Know Thy Enemies
Where Shakespeare, Sun Tzu, the U.S. Supreme Court, Harvard, and Vermont Intersect

June1, 2025
“Know thy enemy and know yourself; in a hundred battles, you will never be defeated.” — Sun Tzu
Sharon, VT — Back in the late 1500’s, William Shakespeare wrote in Henry IV: Part II, “The first thing we do is, let’s kill all the lawyers.”
In 1985, referring to the above quote, U.S. Supreme Court Justice John Paul Stevens wrote: “After a careful reading of that text will reveal, Shakespeare insightfully realized that disposing of lawyers is a step in the direction of a totalitarian form of government.”
We’ve evolved since the 1500’s. A present-day Shakespearean script would read, “The first thing to do is, let’s control all the lawyers.” That’s what the current federal government is attempting. The nation’s leaders realize they need lawyers to help them control the narrative, protect their own self-interested emoluments, and ensure they further confound the American populace into believing that what the government is doing to undermine and topple the institutions that have made this country great is just and right. In reality, it’s all a stage show meant to entertain and confuse.
Who’s the enemy today? It is our government leaders who want to control our legal system and the courts and lawyers who operate it. The enemy is also us, because we’ve been blinded by gaudy display and don’t fully know who we are. Sun Tzu would certainly see all of this plainly.
Now, as the P.T. Barnumization of America continues, our country has become the greatest show on earth. And suckers are paying every minute to purchase tickets at inflated prices as tariffs loom, prices rise, benefits drop, and nations become wary of the U.S. as a social, political, military, and trading partner.
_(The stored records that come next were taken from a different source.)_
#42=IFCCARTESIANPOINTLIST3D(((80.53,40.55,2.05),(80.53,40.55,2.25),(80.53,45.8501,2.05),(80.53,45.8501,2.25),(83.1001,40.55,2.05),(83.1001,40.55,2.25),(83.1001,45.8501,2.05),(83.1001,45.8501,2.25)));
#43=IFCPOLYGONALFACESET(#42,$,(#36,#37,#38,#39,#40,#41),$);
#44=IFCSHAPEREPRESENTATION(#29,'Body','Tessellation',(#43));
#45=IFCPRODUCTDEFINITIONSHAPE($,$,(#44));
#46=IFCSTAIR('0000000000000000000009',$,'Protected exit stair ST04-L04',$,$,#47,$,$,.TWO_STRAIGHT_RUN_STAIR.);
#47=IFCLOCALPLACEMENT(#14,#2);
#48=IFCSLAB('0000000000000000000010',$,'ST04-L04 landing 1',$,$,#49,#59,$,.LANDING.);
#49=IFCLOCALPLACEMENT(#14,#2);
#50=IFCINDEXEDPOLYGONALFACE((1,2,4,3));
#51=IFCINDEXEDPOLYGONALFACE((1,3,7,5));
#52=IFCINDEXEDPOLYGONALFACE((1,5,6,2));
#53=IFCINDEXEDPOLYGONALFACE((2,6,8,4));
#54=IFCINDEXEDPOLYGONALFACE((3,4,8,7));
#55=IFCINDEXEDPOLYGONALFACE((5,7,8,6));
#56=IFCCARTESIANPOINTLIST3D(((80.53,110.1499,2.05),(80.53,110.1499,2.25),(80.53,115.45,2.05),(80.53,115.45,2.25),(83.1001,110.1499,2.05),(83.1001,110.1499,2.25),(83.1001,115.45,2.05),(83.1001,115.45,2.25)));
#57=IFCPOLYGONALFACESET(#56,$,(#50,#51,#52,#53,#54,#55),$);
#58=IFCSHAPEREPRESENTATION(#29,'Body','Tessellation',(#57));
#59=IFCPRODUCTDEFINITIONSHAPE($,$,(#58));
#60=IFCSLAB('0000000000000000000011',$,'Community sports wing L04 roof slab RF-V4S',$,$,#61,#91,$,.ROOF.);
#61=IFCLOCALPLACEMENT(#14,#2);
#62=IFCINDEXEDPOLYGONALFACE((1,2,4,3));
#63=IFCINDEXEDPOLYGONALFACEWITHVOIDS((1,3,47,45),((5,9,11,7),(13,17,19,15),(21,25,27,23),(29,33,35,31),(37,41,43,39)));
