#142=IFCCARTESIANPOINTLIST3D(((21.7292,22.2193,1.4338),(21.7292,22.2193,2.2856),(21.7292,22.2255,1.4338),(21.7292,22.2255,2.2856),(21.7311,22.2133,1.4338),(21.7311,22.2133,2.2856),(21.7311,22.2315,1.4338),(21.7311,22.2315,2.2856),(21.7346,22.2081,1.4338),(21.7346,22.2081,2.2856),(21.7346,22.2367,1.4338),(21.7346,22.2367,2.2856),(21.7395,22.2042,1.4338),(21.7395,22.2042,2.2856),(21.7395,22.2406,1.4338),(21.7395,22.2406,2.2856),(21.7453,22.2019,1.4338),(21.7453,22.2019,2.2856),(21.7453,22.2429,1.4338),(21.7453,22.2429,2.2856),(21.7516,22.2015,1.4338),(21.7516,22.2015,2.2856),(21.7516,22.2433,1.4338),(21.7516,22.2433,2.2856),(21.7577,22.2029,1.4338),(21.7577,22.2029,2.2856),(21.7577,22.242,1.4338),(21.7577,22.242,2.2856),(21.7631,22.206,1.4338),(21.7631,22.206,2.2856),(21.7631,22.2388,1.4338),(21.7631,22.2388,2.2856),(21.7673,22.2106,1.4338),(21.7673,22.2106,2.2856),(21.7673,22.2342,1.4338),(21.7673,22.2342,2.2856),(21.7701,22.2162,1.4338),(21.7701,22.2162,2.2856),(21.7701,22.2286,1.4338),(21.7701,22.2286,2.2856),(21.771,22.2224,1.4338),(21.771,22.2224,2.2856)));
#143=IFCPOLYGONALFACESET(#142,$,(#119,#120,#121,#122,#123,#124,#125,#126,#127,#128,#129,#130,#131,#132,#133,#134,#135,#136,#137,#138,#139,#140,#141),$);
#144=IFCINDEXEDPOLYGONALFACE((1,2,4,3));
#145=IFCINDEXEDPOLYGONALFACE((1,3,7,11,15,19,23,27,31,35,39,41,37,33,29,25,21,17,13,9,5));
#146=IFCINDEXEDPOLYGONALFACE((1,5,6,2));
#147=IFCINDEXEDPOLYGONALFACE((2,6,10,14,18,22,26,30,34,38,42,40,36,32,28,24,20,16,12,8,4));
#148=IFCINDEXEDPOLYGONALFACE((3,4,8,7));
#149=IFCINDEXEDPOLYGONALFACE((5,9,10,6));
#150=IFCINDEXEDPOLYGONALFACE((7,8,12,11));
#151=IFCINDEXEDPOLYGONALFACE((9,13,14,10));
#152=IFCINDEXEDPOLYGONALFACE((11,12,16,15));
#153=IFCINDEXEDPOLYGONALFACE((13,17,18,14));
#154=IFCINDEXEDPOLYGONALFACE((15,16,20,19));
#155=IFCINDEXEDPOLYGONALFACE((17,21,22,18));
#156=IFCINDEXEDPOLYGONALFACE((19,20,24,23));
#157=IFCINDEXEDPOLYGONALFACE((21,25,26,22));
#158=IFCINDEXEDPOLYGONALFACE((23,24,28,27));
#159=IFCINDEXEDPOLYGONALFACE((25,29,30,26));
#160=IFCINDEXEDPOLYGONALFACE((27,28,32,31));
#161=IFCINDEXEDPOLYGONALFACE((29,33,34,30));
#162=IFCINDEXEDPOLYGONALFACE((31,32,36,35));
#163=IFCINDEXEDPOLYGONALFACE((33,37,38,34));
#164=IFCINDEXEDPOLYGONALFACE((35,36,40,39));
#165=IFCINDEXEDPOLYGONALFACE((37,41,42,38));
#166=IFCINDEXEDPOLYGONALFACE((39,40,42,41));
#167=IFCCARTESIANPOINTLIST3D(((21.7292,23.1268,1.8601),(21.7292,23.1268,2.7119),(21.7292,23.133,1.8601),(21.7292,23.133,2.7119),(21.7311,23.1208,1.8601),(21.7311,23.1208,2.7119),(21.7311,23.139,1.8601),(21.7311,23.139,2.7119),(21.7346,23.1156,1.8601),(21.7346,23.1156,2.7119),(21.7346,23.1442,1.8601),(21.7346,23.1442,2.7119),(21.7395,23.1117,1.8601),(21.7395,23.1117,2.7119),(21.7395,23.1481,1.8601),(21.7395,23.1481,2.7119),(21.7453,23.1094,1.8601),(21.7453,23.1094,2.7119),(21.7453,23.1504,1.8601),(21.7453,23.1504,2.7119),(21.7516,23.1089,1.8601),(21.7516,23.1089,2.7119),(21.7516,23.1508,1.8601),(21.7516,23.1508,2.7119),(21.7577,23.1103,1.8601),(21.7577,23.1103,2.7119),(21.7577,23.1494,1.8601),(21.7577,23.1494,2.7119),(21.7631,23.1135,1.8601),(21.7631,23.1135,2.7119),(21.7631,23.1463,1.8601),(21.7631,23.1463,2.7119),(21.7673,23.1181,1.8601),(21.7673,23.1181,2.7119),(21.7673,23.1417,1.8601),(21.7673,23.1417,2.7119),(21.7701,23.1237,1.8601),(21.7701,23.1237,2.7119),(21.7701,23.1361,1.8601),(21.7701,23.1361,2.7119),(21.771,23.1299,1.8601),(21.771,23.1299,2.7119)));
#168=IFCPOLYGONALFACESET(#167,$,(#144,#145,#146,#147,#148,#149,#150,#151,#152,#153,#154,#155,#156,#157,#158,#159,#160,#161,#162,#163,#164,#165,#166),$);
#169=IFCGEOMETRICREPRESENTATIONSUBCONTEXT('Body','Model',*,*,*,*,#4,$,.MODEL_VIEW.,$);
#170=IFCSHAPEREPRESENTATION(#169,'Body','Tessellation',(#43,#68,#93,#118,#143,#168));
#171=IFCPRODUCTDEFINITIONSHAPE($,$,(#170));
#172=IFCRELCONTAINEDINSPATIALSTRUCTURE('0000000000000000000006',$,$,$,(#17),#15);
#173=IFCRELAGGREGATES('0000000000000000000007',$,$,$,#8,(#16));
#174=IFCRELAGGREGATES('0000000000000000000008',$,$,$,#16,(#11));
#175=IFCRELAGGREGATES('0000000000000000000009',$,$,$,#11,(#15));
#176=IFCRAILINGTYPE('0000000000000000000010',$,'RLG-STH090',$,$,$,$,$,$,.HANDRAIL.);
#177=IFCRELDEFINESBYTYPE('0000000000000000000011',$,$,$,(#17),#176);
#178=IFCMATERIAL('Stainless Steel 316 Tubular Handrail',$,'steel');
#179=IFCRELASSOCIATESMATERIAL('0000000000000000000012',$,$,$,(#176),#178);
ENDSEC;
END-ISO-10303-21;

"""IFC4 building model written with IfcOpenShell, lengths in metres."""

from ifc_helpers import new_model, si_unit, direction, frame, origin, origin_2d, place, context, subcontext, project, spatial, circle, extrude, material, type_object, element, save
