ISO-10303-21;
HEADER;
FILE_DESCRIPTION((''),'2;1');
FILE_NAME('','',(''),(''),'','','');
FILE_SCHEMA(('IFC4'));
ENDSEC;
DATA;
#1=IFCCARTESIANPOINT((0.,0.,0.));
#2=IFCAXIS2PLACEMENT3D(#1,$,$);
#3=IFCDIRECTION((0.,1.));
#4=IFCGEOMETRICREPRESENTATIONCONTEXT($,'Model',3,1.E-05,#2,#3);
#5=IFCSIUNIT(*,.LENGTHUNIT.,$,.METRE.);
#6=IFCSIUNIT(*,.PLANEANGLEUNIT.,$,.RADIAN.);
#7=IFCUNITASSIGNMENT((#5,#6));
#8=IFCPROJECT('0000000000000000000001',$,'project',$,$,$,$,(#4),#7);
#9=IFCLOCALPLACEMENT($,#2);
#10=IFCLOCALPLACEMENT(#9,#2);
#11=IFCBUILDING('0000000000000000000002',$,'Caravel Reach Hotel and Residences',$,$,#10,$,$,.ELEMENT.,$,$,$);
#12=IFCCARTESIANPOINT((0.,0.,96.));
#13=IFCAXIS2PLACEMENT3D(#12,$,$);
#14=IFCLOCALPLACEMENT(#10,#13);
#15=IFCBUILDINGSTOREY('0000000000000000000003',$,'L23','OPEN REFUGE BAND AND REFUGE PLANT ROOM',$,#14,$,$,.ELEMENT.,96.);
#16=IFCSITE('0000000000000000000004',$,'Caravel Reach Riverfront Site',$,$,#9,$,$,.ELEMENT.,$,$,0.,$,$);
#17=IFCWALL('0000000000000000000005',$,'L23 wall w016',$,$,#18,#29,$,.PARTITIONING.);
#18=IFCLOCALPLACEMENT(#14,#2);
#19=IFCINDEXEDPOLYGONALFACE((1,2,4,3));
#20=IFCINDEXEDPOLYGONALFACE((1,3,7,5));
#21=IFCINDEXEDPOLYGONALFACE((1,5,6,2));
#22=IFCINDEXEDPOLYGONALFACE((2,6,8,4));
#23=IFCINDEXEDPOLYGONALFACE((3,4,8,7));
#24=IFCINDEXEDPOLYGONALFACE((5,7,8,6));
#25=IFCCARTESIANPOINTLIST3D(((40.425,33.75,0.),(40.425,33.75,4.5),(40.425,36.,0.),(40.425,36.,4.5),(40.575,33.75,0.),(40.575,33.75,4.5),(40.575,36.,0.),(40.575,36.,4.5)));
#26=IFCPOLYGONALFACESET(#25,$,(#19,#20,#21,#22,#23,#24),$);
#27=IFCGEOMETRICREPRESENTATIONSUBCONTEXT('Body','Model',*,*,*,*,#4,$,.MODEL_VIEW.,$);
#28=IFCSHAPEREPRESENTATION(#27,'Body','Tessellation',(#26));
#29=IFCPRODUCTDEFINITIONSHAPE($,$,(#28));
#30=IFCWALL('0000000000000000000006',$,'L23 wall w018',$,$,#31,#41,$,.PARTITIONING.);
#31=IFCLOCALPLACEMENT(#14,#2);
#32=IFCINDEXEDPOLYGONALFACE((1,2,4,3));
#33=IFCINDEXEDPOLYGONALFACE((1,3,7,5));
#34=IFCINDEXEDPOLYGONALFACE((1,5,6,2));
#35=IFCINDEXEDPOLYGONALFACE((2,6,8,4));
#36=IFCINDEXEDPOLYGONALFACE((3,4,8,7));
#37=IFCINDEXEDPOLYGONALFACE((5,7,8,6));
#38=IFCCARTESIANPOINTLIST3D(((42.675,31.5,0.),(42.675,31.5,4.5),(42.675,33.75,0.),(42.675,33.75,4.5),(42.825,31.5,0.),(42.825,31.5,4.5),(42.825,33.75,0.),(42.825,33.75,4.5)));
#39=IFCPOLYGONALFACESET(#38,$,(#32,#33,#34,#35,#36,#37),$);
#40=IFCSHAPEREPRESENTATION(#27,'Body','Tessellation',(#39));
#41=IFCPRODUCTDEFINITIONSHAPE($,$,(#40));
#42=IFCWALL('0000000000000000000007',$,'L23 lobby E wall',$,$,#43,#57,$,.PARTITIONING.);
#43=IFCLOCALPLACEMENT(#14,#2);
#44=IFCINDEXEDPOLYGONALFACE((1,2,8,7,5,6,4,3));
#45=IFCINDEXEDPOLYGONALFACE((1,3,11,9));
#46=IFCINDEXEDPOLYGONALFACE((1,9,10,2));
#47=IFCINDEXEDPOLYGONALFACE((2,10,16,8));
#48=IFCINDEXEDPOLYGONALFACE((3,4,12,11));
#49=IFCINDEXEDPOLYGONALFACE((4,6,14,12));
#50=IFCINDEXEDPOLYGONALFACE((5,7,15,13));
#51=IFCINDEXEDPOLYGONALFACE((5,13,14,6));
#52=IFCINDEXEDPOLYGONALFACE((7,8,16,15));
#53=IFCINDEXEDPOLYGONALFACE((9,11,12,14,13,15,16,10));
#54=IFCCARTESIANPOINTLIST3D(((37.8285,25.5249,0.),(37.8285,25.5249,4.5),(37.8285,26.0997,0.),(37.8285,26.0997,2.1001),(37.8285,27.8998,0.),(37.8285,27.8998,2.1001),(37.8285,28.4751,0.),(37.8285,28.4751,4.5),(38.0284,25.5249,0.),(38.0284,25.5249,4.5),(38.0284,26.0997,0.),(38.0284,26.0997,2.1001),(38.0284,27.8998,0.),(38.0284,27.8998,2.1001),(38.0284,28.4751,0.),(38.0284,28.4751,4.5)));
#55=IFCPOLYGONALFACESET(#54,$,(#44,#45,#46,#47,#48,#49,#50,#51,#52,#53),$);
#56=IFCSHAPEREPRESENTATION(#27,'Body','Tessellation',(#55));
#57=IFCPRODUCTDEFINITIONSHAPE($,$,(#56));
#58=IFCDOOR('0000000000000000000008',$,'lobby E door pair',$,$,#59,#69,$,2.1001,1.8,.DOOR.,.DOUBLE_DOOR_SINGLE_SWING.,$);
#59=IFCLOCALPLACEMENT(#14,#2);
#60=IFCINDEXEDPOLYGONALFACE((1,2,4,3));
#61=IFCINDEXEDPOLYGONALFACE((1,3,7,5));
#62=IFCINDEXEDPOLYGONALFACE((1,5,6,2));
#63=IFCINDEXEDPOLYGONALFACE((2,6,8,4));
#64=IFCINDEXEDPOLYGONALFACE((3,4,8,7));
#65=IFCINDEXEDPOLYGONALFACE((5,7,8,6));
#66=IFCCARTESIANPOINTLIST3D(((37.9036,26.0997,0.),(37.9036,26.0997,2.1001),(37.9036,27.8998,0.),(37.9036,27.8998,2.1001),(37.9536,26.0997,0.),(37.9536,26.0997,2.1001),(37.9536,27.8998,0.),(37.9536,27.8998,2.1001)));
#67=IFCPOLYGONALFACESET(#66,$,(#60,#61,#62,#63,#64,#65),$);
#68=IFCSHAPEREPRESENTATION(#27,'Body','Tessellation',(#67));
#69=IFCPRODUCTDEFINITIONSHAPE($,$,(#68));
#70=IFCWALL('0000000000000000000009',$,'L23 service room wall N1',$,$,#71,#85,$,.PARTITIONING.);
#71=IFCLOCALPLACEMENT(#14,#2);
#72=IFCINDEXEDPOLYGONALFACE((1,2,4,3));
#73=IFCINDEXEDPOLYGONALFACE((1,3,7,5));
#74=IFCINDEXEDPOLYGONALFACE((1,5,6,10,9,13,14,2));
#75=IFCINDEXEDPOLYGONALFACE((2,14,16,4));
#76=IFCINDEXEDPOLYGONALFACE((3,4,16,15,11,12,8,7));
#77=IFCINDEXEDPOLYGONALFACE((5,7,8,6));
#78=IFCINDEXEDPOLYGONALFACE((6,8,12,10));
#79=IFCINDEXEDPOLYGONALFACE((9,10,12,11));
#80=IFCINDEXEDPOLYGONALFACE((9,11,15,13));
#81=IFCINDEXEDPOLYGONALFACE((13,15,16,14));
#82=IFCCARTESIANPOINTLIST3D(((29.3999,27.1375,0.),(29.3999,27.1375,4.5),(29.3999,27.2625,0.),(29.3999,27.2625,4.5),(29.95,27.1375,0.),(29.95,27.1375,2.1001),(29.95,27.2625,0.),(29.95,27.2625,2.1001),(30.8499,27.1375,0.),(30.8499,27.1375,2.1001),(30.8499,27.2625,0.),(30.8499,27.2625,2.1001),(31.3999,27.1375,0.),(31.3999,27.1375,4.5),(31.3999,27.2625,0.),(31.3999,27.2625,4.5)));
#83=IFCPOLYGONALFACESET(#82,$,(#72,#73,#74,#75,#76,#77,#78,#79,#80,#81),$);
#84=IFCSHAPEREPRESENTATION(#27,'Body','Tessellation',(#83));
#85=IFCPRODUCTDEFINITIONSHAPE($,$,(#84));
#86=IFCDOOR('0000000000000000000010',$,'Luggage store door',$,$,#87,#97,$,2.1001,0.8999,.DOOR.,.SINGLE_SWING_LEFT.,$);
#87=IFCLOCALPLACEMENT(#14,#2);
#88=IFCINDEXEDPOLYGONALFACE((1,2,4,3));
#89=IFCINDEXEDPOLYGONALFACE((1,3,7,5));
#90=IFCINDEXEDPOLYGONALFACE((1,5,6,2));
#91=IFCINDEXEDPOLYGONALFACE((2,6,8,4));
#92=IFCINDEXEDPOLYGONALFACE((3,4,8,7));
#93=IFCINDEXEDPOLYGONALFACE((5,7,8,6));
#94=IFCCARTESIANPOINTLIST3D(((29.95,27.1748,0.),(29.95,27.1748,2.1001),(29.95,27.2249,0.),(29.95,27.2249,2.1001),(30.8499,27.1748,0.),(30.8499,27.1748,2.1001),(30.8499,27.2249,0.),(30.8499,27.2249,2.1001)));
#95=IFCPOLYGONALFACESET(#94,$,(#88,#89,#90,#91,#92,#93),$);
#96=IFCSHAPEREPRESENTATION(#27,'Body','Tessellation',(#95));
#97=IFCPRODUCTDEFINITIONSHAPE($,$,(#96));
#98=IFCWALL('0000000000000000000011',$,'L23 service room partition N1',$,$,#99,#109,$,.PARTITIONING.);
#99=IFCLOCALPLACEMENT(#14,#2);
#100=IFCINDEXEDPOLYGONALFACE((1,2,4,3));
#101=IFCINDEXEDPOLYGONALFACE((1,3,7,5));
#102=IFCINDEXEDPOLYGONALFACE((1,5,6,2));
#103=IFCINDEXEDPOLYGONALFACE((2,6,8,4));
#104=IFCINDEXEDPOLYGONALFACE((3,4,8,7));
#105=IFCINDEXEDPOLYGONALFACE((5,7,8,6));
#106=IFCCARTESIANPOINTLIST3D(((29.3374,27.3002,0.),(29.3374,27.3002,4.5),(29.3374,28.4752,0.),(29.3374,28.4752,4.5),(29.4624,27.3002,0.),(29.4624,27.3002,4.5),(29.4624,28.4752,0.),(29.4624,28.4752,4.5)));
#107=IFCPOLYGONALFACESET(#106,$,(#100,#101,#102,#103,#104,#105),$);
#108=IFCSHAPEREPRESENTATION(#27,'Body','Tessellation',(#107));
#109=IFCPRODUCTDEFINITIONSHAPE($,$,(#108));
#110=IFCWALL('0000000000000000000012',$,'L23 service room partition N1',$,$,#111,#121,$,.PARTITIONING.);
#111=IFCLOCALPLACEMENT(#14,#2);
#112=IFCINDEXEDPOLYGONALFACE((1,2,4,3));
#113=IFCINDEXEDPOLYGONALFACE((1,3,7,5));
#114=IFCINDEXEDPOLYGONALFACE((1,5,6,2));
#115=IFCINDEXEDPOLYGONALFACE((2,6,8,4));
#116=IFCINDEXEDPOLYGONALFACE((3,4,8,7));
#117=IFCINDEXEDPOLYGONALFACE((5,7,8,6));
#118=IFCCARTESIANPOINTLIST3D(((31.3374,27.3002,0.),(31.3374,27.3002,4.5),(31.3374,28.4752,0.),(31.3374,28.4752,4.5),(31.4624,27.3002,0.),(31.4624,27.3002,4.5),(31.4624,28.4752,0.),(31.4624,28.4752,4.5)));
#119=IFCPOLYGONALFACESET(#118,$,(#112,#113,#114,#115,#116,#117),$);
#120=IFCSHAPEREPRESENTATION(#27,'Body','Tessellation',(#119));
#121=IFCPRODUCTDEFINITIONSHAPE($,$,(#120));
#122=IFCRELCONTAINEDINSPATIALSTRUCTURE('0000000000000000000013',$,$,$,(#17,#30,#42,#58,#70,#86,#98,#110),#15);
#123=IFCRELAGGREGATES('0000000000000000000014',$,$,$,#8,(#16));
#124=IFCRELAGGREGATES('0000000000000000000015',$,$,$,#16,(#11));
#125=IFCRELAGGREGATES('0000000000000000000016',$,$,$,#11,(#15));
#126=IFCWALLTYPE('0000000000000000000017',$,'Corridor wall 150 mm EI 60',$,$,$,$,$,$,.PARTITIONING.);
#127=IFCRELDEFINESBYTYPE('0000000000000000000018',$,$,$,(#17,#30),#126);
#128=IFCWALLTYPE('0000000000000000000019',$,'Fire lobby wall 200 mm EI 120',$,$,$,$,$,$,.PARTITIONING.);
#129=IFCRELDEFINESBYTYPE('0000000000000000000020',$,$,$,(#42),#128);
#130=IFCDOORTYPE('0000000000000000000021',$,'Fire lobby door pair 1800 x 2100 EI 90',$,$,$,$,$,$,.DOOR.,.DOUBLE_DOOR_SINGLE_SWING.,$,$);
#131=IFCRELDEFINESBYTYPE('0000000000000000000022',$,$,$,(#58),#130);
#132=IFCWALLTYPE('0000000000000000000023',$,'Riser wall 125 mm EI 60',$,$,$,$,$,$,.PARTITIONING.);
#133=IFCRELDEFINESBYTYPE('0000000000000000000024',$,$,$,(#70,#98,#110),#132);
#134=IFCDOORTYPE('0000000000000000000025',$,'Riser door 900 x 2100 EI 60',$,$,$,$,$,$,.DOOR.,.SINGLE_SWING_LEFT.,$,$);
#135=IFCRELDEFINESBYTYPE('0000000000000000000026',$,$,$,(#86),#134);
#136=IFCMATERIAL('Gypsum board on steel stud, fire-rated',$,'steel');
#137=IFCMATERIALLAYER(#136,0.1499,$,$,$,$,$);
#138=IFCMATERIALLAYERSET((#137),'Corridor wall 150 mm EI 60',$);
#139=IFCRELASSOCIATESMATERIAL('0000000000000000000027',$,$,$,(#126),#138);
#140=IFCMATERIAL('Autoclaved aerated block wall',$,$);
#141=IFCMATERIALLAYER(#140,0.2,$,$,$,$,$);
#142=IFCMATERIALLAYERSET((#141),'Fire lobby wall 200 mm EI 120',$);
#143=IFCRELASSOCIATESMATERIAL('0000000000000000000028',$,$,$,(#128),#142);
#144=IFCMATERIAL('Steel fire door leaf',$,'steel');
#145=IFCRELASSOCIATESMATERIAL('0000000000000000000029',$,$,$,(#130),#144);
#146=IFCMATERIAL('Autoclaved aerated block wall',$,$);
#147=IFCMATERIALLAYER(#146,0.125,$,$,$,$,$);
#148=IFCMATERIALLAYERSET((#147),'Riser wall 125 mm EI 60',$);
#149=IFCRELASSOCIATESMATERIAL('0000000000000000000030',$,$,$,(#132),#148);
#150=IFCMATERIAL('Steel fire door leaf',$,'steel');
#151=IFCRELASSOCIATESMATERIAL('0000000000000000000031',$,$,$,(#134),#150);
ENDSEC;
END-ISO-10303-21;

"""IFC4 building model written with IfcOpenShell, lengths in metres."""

from ifc_helpers import new_model, si_unit, direction, frame, frame_2d, origin, place, context, subcontext, project, spatial, rectangle, extrude, material, layer, layer_set, type_object, element, fill, save


model = new_model("IFC4")

# Units and contexts
model_context = context("Model", 3, precision=1e-05, world=origin(), true_north=direction((0.0, 1.0)))
body_context = subcontext(model_context, "Body", "Model", "MODEL_VIEW")
ifc_project = project(units=[si_unit("LENGTHUNIT", "METRE"), si_unit("PLANEANGLEUNIT", "RADIAN")], contexts=[model_context])

# Site, building, storey
site_placement = place(None, origin())
site = spatial("IfcSite", under=ifc_project, at=site_placement, Name="Caravel Reach Riverfront Site", CompositionType="ELEMENT", RefElevation=0.0)
building_placement = place(site_placement, origin())
building = spatial("IfcBuilding", under=site, at=building_placement, Name="Caravel Reach Hotel and Residences", CompositionType="ELEMENT")
storey_placement = place(building_placement, frame((0.0, 0.0, 96.0)))
storey = spatial("IfcBuildingStorey", under=building, at=storey_placement, Name="L23", Description="OPEN REFUGE BAND AND REFUGE PLANT ROOM", CompositionType="ELEMENT", Elevation=96.0)

# Shared definitions
ifc_material_1 = material(Name="Gypsum board on steel stud, fire-rated", Category="steel")
ifc_layer_1 = layer(ifc_material_1, 0.1499)
ifc_layer_set_1 = layer_set([ifc_layer_1], Name="Corridor wall 150 mm EI 60")
wall_type_1 = type_object("IfcWallType", Name="Corridor wall 150 mm EI 60", PredefinedType="PARTITIONING", material=ifc_layer_set_1)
This circus show of national proportions is designed to dazzle and keep its onlookers rapt and misguided with showy display. Words like ostentatious, flamboyant, and garish readily come to mind when today’s federal government players appear on the national stage. Washington, DC has become the new soap opera opiate of the American masses addicted to the latest news of executive memoranda, tariff hikes, meme coin launch parties, billionaire drug abusers, TACO acronym-based videos, and presidential bluster and buffoonery. We’re enraptured, manipulated, and, thus, blinded.
Further, as journalist David Brooks wrote in a recent (April 17, 2025) NYTimes opinion piece: “It’s time for a comprehensive national civic uprising. Trump is about power. The only way he’s going to be stopped is if he’s confronted by some movement that possesses rival power.” Brooks further suggested that Trumpism is purely about the acquisition of power to make the world a playground for ruthless men.
Shakespeare’s characters in Henry IV that gave rise to the “kill all the lawyers” passage were brutal, villainous, anti-intellectual, rebellious, ruthless men. They knew it would be far easier to overtake an ignorant population than one where people understood their rights.
Today’s birth and propagation of “fake news” ensures ignorance. People are confused, ill-informed, and no longer know who or what to trust. Our youth don’t even know what to protest given the sheer quantity of issues at hand. Angry sound bites have replaced informed newscasts. The result is the birth of a passive populace that can be directed at will. Americans, shame on us for being so easily hoodwinked.
Finally, we’re watching the disemboweling of higher education. When people fear to attend schools like Harvard, or begin to believe its brand of education is somehow evil or corrupt, our country will fall to the new political brand of power-and-control philosophy its greedy leaders espouse.
And yet, Harvard, a bastion of excellence in higher education respected the world over, is fighting back with a new, free course: “We the People: Civic Engagement in a Constitutional Democracy.” This course gives its students the tools to tell the story of what they value and the kind of communities and government they cherish. Harvard understands education is the way to create the underpinnings of the type of civic uprising journalist David Brooks contemplates. Harvard can play the short and long games. Knowledge of our Constitutional rights can rival and overtake the unbridled, runaway, governmental authoritarian rule we’re witnessing today. Take the Harvard course!
As Shakespeare and Justice Stevens knew, society cannot exist in a state of peace or justice without its guardians and protectors—our attorneys, judges, and justices. As Harvard knows well, educating a populace can counteract the present-day likes of those Shakespearean characters in Henry IV: Part II who want to control the champions of our Constitutional rights, our fair-minded lawyers.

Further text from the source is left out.